Intra- and Intersubspecialty Variability in Lumbar Spine MRI Interpretation: A Multireader Study Comparing Musculoskeletal Radiologists and Neuroradiologists.

BACKGROUND AND PURPOSE: The purpose of this study is to assess the differences in degenerative spine MRI reporting between subspecialty-trained attending neuroradiologists and musculoskeletal radiologists (MSK) at a single institution, academic medical center. MATERIALS AND METHODS: Fifty consecutive outpatient noncontrast lumbar spine examinations were selected from the Picture Archiving and Communication System.

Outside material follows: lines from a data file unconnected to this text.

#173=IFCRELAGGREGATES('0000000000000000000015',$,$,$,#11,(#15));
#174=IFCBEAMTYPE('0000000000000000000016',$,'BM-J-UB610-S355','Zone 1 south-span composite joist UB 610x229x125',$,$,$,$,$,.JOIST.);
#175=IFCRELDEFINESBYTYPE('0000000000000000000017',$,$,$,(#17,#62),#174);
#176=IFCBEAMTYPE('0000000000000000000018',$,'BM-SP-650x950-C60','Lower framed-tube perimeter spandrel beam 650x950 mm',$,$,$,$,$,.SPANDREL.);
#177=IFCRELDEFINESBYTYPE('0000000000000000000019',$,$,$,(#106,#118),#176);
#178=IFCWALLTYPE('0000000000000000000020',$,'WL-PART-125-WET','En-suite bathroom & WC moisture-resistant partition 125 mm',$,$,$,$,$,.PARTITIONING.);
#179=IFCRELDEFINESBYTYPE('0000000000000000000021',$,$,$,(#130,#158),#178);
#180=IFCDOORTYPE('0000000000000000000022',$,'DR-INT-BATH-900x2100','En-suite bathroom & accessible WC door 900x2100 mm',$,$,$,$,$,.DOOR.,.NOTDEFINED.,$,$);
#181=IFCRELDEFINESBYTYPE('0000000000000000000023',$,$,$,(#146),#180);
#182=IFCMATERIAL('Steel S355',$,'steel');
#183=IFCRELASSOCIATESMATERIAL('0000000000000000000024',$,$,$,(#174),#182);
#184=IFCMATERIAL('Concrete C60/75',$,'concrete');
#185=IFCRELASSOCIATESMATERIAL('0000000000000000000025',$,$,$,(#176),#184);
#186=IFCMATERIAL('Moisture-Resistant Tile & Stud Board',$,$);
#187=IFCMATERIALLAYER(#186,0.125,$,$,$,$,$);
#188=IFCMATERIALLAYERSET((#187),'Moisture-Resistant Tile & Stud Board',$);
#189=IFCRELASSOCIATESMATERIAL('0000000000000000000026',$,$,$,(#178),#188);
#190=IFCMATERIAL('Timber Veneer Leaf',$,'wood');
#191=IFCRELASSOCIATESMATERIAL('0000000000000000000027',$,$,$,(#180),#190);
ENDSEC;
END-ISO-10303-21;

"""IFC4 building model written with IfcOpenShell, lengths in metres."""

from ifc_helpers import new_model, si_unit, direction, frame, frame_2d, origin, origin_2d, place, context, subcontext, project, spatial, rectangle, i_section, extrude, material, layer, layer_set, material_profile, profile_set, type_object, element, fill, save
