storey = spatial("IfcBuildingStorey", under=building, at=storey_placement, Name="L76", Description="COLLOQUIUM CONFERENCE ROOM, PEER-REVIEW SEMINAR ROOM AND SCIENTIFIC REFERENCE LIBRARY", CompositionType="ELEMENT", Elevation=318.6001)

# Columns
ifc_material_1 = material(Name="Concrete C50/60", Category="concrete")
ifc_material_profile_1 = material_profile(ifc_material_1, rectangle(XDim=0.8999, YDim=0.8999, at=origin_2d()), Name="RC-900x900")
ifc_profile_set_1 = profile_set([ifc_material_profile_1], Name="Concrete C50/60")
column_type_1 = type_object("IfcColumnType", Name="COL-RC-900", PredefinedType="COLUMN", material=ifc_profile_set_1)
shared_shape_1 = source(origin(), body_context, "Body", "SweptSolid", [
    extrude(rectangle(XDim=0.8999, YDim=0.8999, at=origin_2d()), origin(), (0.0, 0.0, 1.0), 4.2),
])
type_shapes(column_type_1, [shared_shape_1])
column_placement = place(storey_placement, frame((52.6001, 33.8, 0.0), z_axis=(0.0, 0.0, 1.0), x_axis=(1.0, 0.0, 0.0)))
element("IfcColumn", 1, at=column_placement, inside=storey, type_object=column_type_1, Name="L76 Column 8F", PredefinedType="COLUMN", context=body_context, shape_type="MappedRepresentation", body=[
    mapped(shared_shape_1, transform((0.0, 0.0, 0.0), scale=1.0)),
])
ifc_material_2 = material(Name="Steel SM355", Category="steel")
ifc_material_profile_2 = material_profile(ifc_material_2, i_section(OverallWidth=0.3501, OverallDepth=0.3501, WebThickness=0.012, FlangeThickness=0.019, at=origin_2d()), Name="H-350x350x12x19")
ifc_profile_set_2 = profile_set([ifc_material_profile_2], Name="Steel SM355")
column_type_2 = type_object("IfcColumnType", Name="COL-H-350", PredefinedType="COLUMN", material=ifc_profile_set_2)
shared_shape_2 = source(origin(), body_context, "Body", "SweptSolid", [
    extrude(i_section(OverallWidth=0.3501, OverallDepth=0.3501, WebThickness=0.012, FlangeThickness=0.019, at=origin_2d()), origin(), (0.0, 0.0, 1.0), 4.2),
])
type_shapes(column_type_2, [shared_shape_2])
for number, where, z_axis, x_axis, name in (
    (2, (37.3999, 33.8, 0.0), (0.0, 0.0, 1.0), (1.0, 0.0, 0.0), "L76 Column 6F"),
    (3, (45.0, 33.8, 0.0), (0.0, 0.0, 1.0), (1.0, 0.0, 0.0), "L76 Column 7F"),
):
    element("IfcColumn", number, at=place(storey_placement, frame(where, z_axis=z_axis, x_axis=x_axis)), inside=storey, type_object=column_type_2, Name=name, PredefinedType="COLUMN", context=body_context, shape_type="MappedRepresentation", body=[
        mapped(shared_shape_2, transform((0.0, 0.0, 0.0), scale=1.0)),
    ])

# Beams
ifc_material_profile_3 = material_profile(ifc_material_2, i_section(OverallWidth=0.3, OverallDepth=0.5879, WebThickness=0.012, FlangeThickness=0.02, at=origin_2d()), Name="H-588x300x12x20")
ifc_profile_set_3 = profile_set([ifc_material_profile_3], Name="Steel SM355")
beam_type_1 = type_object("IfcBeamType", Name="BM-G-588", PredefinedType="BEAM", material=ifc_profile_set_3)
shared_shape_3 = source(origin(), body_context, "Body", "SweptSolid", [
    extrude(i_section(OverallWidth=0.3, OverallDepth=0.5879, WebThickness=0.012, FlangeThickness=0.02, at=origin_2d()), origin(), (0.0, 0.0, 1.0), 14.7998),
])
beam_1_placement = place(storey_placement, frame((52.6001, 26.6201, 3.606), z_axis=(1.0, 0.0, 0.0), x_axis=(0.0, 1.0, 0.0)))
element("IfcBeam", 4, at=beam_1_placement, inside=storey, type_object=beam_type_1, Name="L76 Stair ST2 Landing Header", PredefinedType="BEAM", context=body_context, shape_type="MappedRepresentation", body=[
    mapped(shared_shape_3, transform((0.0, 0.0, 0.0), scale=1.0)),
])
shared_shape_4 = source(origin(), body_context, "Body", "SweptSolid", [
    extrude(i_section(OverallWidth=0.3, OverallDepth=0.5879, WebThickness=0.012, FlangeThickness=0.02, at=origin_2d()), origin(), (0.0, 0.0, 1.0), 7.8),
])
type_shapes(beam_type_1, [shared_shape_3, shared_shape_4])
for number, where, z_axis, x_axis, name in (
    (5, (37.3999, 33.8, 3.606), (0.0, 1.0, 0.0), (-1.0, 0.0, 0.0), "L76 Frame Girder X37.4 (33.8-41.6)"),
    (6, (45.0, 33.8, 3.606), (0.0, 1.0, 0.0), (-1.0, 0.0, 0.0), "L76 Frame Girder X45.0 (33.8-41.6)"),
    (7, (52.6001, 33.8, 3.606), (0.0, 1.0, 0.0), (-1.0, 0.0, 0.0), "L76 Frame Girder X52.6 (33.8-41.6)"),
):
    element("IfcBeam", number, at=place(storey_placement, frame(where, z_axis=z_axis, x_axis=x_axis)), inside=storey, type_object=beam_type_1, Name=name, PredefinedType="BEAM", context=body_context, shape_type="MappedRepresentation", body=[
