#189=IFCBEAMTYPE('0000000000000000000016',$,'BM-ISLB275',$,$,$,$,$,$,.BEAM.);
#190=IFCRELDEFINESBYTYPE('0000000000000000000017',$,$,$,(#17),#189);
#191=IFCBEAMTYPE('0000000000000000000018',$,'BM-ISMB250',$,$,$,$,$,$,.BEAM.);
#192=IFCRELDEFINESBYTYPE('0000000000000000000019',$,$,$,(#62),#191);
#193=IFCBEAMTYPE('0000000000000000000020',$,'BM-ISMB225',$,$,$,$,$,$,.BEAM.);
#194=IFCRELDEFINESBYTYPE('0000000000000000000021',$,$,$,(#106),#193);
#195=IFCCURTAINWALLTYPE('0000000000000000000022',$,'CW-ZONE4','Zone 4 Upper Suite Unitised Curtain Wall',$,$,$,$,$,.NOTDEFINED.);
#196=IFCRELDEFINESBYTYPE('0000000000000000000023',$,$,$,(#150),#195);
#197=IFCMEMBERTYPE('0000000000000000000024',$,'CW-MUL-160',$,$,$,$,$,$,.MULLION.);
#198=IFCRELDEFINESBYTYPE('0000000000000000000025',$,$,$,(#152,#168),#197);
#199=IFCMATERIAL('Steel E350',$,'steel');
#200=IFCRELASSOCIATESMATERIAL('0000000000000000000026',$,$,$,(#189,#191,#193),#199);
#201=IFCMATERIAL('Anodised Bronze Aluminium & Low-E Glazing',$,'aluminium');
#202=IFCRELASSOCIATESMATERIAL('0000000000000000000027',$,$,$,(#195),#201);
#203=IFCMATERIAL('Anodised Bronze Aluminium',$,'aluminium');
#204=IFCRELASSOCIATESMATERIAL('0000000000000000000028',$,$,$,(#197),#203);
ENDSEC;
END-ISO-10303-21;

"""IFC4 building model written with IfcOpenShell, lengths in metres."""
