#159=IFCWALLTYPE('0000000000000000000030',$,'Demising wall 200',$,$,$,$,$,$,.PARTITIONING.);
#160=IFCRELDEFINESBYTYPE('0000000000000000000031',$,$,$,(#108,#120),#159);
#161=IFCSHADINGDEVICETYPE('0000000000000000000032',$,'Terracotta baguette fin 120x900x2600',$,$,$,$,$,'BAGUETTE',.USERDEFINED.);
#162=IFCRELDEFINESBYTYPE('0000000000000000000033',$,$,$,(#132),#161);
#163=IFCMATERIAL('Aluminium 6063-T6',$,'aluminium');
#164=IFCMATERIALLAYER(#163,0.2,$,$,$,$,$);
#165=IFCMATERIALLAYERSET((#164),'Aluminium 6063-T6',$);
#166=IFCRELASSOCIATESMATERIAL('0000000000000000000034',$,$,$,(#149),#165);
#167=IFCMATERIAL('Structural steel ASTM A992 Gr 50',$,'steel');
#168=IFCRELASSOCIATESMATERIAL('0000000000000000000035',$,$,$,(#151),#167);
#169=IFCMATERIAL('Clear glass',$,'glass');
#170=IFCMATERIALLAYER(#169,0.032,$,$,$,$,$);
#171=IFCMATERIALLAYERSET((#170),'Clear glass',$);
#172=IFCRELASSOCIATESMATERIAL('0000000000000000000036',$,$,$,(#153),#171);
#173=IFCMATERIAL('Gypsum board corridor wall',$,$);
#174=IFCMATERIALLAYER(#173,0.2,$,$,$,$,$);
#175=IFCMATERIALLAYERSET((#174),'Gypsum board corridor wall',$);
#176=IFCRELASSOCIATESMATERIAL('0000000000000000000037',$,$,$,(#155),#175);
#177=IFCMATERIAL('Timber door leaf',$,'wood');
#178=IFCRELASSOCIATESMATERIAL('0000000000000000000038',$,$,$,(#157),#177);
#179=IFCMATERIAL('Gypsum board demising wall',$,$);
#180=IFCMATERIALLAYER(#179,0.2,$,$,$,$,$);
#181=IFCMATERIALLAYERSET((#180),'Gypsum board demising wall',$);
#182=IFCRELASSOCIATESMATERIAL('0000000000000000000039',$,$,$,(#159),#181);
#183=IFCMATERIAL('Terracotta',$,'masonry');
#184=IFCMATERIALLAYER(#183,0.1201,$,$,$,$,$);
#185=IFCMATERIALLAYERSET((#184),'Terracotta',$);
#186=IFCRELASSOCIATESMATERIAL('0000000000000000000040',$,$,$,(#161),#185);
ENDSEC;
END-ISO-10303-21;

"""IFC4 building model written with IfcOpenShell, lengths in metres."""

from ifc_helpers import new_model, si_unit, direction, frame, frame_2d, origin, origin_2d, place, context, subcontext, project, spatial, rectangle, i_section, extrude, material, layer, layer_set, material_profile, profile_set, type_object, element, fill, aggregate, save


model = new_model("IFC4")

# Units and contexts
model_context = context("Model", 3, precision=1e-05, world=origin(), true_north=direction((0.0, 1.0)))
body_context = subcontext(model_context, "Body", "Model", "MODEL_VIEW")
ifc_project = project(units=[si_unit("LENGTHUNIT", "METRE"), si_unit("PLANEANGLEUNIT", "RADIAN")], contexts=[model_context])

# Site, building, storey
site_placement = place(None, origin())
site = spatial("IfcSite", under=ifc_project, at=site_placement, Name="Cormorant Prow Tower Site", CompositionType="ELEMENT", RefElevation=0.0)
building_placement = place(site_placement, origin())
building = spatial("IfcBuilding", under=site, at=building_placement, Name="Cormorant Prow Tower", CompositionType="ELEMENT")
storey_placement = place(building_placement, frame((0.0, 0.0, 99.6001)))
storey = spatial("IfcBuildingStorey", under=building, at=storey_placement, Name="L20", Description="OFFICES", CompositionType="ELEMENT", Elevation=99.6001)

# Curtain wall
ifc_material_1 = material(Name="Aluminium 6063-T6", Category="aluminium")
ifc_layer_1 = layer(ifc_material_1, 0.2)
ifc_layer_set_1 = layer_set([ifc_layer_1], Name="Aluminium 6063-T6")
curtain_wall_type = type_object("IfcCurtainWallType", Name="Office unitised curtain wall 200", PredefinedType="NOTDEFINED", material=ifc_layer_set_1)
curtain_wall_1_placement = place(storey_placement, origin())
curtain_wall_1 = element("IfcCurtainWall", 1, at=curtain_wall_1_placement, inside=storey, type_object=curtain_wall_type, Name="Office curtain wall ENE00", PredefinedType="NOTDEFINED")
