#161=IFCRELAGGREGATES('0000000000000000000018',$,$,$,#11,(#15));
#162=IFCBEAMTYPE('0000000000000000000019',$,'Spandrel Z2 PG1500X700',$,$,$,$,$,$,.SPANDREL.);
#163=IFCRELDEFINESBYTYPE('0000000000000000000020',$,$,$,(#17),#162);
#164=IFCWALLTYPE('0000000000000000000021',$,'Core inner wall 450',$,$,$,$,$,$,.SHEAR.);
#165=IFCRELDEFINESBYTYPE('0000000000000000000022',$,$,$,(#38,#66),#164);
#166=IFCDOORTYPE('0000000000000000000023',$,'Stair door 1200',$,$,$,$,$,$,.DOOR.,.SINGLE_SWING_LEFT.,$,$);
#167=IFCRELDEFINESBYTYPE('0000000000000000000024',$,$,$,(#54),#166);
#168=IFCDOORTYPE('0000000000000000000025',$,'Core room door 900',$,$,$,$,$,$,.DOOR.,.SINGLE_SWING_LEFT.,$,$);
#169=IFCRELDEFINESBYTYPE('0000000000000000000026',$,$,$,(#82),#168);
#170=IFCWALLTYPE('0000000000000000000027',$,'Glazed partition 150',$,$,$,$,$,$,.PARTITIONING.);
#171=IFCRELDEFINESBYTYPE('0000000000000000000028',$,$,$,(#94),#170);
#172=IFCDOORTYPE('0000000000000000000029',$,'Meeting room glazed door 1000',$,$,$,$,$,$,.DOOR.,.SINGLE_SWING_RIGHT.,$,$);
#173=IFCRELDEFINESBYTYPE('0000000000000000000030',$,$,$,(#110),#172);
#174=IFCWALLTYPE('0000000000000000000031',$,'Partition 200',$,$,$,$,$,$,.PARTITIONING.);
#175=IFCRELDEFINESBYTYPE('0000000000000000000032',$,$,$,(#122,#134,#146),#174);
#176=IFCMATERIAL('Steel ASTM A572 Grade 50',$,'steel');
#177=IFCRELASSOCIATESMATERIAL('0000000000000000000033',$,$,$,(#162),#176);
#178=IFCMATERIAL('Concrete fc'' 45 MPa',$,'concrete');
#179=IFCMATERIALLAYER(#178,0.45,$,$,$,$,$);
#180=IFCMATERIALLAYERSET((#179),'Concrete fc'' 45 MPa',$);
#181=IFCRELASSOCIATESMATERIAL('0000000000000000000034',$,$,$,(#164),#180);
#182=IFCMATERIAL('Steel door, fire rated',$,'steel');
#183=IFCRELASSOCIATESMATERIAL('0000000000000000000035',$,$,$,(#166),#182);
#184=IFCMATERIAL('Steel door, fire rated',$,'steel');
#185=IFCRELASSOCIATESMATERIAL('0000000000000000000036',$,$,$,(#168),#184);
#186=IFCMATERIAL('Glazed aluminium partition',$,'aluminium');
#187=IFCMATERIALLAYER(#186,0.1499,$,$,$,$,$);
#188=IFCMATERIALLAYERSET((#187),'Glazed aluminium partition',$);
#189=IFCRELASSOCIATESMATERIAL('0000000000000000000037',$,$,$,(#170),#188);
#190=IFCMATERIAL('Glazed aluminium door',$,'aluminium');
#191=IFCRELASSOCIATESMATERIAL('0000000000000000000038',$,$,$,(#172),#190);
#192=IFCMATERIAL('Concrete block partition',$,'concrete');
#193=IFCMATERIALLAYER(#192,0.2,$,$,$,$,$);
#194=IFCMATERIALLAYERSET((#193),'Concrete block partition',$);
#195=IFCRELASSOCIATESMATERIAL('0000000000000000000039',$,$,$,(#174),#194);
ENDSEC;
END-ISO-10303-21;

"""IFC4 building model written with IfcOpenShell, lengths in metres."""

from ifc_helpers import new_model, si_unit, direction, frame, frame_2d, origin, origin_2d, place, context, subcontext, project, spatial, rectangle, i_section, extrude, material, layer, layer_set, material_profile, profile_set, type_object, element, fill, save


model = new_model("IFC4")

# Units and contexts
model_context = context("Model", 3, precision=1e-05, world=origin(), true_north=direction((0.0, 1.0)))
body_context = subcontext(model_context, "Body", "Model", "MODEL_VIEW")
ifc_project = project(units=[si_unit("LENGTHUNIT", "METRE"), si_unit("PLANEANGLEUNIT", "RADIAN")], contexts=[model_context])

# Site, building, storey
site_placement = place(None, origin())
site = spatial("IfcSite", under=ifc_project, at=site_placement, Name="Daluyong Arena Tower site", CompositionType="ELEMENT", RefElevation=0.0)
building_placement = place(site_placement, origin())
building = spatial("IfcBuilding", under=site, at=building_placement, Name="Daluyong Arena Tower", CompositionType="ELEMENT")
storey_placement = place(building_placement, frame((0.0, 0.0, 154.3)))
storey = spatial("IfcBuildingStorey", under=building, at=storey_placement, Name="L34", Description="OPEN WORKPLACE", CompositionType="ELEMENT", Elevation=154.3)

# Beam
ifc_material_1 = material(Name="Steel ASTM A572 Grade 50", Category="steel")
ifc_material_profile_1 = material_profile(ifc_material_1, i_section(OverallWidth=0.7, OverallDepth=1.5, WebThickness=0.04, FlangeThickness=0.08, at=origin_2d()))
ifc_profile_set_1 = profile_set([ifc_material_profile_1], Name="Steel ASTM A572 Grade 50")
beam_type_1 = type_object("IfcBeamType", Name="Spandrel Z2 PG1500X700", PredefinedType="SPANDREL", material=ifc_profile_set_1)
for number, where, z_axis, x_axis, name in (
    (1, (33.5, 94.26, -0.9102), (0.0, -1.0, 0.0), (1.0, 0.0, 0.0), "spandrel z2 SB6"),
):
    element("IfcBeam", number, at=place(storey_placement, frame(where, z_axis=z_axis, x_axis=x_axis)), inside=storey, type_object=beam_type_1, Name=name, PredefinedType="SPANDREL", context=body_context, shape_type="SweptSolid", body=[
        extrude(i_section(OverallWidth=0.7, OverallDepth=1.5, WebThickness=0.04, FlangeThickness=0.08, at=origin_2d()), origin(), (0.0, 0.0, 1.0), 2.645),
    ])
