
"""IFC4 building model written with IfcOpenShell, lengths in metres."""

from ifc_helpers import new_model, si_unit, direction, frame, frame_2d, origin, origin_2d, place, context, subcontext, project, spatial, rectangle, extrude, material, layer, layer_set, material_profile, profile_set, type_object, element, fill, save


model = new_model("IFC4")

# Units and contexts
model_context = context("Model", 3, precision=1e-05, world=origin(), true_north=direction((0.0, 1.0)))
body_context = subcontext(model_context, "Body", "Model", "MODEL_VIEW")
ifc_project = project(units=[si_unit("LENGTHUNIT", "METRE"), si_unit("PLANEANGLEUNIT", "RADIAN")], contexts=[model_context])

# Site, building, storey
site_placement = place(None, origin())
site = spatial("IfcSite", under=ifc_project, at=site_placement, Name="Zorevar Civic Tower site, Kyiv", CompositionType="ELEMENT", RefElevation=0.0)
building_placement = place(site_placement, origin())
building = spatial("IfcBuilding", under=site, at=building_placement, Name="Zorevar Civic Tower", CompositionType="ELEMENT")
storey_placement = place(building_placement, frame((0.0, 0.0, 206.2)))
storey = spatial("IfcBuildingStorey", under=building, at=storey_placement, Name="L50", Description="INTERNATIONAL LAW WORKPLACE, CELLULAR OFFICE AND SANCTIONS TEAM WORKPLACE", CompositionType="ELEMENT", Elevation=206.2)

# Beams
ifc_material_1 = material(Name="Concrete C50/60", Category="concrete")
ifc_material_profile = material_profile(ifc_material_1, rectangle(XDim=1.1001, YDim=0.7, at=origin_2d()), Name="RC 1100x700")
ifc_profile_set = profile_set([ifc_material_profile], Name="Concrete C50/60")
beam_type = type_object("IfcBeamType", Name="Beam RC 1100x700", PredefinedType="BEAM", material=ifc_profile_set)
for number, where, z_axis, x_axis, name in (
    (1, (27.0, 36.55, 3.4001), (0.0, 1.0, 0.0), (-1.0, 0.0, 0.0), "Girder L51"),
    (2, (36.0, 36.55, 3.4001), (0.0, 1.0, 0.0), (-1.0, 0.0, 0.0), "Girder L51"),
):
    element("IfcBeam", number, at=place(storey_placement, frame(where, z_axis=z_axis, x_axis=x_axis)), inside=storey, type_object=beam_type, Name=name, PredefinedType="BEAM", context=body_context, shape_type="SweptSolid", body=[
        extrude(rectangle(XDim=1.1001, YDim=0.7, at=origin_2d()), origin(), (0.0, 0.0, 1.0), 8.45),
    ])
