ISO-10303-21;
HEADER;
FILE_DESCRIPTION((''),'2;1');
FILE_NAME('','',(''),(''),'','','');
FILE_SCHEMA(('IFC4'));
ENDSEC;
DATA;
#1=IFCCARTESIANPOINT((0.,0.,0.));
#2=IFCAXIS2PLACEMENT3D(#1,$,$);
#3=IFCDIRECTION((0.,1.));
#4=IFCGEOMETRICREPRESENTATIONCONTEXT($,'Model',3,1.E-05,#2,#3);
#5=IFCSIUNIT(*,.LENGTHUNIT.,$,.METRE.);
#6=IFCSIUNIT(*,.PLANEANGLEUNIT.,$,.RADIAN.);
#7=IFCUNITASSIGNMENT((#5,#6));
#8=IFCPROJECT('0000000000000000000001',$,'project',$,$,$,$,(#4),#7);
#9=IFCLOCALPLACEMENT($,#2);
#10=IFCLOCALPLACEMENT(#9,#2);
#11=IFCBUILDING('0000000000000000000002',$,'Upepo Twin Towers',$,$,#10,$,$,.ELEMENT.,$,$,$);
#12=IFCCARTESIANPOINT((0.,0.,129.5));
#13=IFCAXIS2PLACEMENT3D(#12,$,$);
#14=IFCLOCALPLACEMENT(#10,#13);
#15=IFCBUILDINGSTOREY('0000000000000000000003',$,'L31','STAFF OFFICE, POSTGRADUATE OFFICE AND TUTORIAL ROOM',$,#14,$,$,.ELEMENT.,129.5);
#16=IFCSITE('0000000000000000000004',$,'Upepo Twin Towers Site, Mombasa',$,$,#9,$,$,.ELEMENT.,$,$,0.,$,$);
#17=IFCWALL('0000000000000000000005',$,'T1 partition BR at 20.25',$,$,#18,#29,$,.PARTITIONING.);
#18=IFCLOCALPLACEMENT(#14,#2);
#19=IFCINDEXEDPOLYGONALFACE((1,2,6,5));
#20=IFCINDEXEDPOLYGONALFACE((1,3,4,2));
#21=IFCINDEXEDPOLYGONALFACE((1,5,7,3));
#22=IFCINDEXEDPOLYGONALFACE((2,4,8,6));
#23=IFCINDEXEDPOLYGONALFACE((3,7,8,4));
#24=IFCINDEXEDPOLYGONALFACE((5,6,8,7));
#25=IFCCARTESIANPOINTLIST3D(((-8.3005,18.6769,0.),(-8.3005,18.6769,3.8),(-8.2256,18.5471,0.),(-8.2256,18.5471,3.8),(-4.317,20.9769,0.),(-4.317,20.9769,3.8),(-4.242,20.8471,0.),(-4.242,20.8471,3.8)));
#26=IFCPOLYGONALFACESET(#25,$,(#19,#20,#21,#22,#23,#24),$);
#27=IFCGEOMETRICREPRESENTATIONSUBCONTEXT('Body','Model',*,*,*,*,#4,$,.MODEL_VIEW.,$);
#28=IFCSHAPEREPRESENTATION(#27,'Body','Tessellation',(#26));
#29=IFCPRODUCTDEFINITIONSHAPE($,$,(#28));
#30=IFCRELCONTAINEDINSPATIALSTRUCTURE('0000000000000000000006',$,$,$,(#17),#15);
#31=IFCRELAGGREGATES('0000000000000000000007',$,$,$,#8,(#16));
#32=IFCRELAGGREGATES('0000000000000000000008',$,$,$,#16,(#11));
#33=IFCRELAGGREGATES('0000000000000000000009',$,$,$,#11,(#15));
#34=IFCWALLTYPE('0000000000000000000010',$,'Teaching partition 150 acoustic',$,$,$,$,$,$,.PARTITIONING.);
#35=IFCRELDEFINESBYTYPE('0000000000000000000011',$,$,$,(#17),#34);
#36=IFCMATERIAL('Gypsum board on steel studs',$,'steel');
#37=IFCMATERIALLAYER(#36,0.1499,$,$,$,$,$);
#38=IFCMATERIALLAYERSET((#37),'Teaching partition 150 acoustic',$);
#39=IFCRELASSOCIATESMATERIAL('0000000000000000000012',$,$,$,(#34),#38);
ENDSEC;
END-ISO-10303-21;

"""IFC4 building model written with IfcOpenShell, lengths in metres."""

from ifc_helpers import new_model, si_unit, direction, frame, frame_2d, origin, place, context, subcontext, project, spatial, rectangle, extrude, material, layer, layer_set, type_object, element, save


model = new_model("IFC4")

# Units and contexts
model_context = context("Model", 3, precision=1e-05, world=origin(), true_north=direction((0.0, 1.0)))
body_context = subcontext(model_context, "Body", "Model", "MODEL_VIEW")
ifc_project = project(units=[si_unit("LENGTHUNIT", "METRE"), si_unit("PLANEANGLEUNIT", "RADIAN")], contexts=[model_context])

# Site, building, storey
site_placement = place(None, origin())
site = spatial("IfcSite", under=ifc_project, at=site_placement, Name="Upepo Twin Towers Site, Mombasa", CompositionType="ELEMENT", RefElevation=0.0)
building_placement = place(site_placement, origin())
building = spatial("IfcBuilding", under=site, at=building_placement, Name="Upepo Twin Towers", CompositionType="ELEMENT")
storey_placement = place(building_placement, frame((0.0, 0.0, 129.5)))
storey = spatial("IfcBuildingStorey", under=building, at=storey_placement, Name="L31", Description="STAFF OFFICE, POSTGRADUATE OFFICE AND TUTORIAL ROOM", CompositionType="ELEMENT", Elevation=129.5)

# Shared definitions
ifc_material_1 = material(Name="Gypsum board on steel studs", Category="steel")
ifc_layer_1 = layer(ifc_material_1, 0.1499)
ifc_layer_set_1 = layer_set([ifc_layer_1], Name="Teaching partition 150 acoustic")
wall_type_1 = type_object("IfcWallType", Name="Teaching partition 150 acoustic", PredefinedType="PARTITIONING", material=ifc_layer_set_1)

# Wall
wall_1_placement = place(storey_placement, frame((-8.2629, 18.6121, 0.0), z_axis=(0.0, 0.0, 1.0), x_axis=(0.866017, 0.500015, 0.0)))
element("IfcWall", 1, at=wall_1_placement, inside=storey, type_object=wall_type_1, Name="T1 partition BR at 20.25", PredefinedType="PARTITIONING", context=body_context, shape_type="SweptSolid", body=[
    extrude(rectangle(XDim=4.5999, YDim=0.1499, at=frame_2d((2.2998, 0.0))), origin(), (0.0, 0.0, 1.0), 3.8),
])

save(model, "model.ifc")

Three MSK and 3 neuroradiologists (NR) independently reviewed and interpreted the exams at the L4-L5 and L5-S1 levels in the same manner as in clinical practice. The assessment of neural foraminal stenosis (NFS) and spinal canal stenosis (SCS) was converted to a 5-point ordinal scale. The assessment of lateral recess stenosis (LRS) and facet osteoarthritis (FO) was recorded as present/absent. Intersubspecialty and intrasubspecialty analysis was performed using Cohen's kappa coefficient with a binary matrix of all reader pairs. RESULTS: There was moderate intersubspecialty agreement (k = 0.527) for NFS and SCS (k = 0.540). Intersubspecialty agreement was slight for LRS (k = 0.0818) and FO (k = 0.176). The MSK group demonstrated greater intrasubspecialty agreement in assessment of NFS and SCS compared to the NR group, with nonoverlapping confidence intervals. The NR group demonstrated greater nominal intrasubspecialty agreement in the assessment of both LRS and FO, although with nonoverlapping confidence intervals. CONCLUSION: There is moderate intersubspecialty agreement between MSK radiologists and neuroradiologists in reporting the severity of NFS and SCS, although MSK radiologists demonstrated greater intrasubspecialty agreement. There is slight intersubspecialty agreement for LRS and FO. The demonstration of differences in inter-reader agreement is a crucial first step to attempt to ameliorate these variabilities.